Читать книгу Отцы и дети. Ася. Повести. Рассказы - Иван Тургенев - Страница 5

Что завещал нам Тургенев
3

Оглавление

Как известно, высшим триумфом Достоевского, пиком литературной и человеческой его карьеры было выступление при открытии памятника Пушкину. Тогда именно Достоевский получил от поклонниц лавровый венок, который он возложил к памятнику, Достоевский был героем дня, речь Достоевского вошла в историю. И лишь очень немногие, – как, например, Глеб Успенский, – писавший газетный отчет об этом событии, сообщили, что на следующий день, перечитав речь Достоевского и не имевшую никакого успеха речь Тургенева, в ужасе поняли, что речь Достоевского, так всех заводящая, состояла из трюизмов, тогда как речь Тургенева содержала в себе ряд ценных и прекрасных мыслей.

Я, конечно, не посмею никогда говорить о том, что речь Достоевского бессодержательна: она очень глубока, очень мистична, в ней содержатся замечательные, хотя и очень произвольные прочтения Пушкина. Но современный читатель, да, я думаю, и любой другой читатель, когда он перечитает очерк Достоевского «Пушкин», будет прежде всего поражен несоответствием между довольно общими рассуждениями, которые есть в этом тексте, довольно тривиальными мыслями, которые там высказаны, и потрясающей овацией, которая сопровождала Достоевского.
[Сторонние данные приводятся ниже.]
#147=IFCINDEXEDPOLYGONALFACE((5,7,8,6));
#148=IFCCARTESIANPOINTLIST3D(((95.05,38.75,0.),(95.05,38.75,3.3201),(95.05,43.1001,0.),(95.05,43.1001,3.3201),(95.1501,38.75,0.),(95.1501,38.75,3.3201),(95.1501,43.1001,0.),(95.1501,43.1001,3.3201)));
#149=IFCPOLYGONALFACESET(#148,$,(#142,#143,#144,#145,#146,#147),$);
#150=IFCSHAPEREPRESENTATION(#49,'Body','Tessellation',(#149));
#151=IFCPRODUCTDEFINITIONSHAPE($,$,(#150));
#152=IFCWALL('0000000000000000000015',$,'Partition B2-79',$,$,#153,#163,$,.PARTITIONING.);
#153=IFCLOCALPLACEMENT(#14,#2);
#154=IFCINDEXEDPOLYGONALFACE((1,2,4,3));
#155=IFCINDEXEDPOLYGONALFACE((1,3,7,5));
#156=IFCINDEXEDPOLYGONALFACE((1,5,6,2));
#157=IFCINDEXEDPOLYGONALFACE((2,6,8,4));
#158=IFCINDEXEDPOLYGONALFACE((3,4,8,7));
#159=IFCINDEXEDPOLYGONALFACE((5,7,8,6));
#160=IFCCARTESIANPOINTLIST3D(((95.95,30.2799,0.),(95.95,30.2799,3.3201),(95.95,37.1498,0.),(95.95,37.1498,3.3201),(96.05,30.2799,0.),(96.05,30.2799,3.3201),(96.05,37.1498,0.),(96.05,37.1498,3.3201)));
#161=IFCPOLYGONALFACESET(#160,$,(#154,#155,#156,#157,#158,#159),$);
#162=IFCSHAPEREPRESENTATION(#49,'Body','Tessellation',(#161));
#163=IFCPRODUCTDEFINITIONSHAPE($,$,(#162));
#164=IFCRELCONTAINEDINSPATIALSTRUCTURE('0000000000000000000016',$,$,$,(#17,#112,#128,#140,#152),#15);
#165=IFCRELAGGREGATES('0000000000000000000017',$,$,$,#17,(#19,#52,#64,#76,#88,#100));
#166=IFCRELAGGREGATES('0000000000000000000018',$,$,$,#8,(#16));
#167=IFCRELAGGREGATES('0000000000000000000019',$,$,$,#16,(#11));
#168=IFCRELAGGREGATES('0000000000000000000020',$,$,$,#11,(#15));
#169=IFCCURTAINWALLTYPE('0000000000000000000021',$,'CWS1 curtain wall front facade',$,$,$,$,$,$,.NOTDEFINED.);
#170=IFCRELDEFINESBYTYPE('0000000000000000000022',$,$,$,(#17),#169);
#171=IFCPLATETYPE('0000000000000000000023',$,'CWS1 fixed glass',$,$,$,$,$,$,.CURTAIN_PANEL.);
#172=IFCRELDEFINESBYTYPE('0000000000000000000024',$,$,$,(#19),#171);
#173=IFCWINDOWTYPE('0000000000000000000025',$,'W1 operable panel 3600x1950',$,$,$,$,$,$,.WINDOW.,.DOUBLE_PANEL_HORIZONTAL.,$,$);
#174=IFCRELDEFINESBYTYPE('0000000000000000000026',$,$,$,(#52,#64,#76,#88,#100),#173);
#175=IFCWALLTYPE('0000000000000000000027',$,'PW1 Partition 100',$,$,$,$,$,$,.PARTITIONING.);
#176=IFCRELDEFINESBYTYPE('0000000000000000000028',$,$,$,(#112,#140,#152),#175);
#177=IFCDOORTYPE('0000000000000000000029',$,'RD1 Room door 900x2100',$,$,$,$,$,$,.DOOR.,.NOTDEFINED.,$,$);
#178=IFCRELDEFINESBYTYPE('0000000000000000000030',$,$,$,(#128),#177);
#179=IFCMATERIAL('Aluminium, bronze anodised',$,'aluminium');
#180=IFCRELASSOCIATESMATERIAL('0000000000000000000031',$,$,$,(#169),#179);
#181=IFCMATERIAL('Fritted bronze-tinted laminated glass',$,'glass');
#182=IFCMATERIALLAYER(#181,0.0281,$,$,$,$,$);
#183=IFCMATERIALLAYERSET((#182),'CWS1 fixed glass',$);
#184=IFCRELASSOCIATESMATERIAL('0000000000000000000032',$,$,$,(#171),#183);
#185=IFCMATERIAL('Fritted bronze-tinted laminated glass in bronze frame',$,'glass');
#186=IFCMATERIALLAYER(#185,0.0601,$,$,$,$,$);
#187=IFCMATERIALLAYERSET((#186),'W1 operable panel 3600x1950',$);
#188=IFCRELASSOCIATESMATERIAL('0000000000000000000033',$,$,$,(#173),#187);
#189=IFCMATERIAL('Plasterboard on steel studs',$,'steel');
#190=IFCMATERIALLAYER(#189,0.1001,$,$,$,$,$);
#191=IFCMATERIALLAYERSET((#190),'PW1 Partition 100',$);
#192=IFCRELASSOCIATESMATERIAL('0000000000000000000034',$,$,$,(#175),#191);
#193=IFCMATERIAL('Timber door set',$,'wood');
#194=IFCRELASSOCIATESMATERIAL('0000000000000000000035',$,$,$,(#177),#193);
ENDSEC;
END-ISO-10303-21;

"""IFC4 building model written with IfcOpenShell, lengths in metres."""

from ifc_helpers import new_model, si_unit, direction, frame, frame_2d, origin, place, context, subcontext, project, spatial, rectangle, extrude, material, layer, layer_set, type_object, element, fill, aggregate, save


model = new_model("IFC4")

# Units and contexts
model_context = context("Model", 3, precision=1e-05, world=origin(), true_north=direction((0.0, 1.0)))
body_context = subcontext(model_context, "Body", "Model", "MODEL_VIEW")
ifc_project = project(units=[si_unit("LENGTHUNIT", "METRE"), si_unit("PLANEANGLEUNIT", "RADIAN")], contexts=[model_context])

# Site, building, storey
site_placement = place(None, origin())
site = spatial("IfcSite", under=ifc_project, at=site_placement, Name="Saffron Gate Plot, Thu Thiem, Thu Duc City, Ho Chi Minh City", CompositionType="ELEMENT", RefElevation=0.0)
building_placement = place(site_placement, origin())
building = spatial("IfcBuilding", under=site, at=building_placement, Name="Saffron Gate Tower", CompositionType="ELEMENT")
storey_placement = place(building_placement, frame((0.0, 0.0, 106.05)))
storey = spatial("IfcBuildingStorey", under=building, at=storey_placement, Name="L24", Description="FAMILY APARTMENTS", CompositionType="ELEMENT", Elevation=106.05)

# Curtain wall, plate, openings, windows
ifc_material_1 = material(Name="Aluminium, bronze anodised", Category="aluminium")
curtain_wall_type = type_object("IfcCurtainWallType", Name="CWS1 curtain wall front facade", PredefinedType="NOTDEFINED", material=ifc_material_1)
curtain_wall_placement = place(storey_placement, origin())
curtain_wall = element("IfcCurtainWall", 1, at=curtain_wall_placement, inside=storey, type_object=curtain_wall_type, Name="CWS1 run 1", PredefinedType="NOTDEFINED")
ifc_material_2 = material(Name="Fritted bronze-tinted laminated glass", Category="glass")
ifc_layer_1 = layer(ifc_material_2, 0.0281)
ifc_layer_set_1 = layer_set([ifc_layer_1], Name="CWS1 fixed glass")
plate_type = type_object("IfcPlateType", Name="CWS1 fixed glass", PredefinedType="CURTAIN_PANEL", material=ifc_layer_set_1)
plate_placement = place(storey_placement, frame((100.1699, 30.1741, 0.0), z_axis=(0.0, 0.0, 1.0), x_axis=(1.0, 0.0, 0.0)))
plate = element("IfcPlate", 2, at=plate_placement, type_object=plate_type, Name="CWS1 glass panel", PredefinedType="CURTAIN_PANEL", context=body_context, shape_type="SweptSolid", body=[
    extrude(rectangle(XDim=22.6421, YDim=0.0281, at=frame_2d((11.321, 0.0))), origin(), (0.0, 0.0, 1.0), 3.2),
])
Понять это, наверно, можно, исходя из того, что речь Достоевского открывает русскому читателю глубоко русскую, национальную составляющую таланта Пушкина. Скажем, Набоков, не любивший Достоевского и любивший в Пушкине прежде всего европейца, любит подчеркнуть, что Пушкин растет из суммы европейских влияний, весь его комментарий к «Онегину», в сущности, об этом. Не зря Берберова говорит, что Пушкин превознесен, но и поколеблен.

А Достоевский настаивает: нет, наше, наше родное, наше особенное, наше ни на кого не похожее. И все комплименты, которые сделаны там Пушкину, сделаны, в общем, русскому национальному духу. Большой восторг испытывает русский читатель, слушая эту речь, не говоря уже о том, что манера Достоевского, его хриплая, безумная, гипнотическая речь воздействует на публику мощно.

А о чем говорит Тургенев? Он говорит о гармонии и соразмерности, о прелести точной формы, о дисциплине. О том, что нам еще до национального мессианства расти и расти, потому что гений есть самовоспитание. Говорит о пушкинской гармоничности как о неотъемлемой черте личности, а о какой гармонии говорить рядом с Достоевским, который весь – дисгармония и весь – порыв, весь – русская недисциплинированная хаотическая буря, и, конечно, она ближе слушательскому сердцу. Именно поэтому за такие слова и подносят лавровые венки.

А вот сказать, что Пушкин – школа, что Пушкин – это еще опыт, который нам предстоит понять и повторить, – это нелестно, некомплиментарно, тяжело. Но я глубоко убежден, что Тургенев, ничего не говорящий нам прямо, требующий от нас очень многого, требующий думать, требующий выискивать скрытые смыслы, аллюзии, композиционные намеки, – этот Тургенев есть лучшая школа для души. А то, что он не занимается вопросами о том, хорошо ли убивать старух, или хорошо ли, например, по-долоховски брать у друга деньги и спать с его женой – так он потому этим не занимается, что эти вопросы для него ясны. Потому что все, над чем билась тогда молодая русская литература, представлялось ему, человеку воспитанному, понятным, скучным, слишком очевидным, чтобы разбирать эти вопросы. Поэтому большинство мистических сюжетов Тургенева разворачивается вокруг вещей действительно важных, не вокруг какого-нибудь старика-сладострастника и четырех его сыновей, каждый из которых по своему Карамазов, а вокруг, например, девушки, которая после смерти умудряется влюбить в себя робкого юношу. Потому что интересны на самом деле только робкие, тонкие и трудновыразимые вещи.

Иногда начинаешь понимать: лучшую жизнь в русской литературе прожил Тургенев. Пусть это была жизнь на краю чужого гнезда, но сильными страстями и отважными борцами лучше любоваться издали, любить Россию, как мы знаем, лучше всего из Европы, а наслаждаться сильными поступками и резкими решениями лучше со стороны, лучше сохранить в себе свою поэтическую тонкую душу, которая дает человеку возможность все понимать и ни к чему не принадлежать. Пожалуй, Тургенев с не меньшим основанием, чем Григорий Сковорода, автор этих строк, мог сказать: «Мир ловил меня, но не поймал» – и как хотите, лучшего совета придумать нельзя.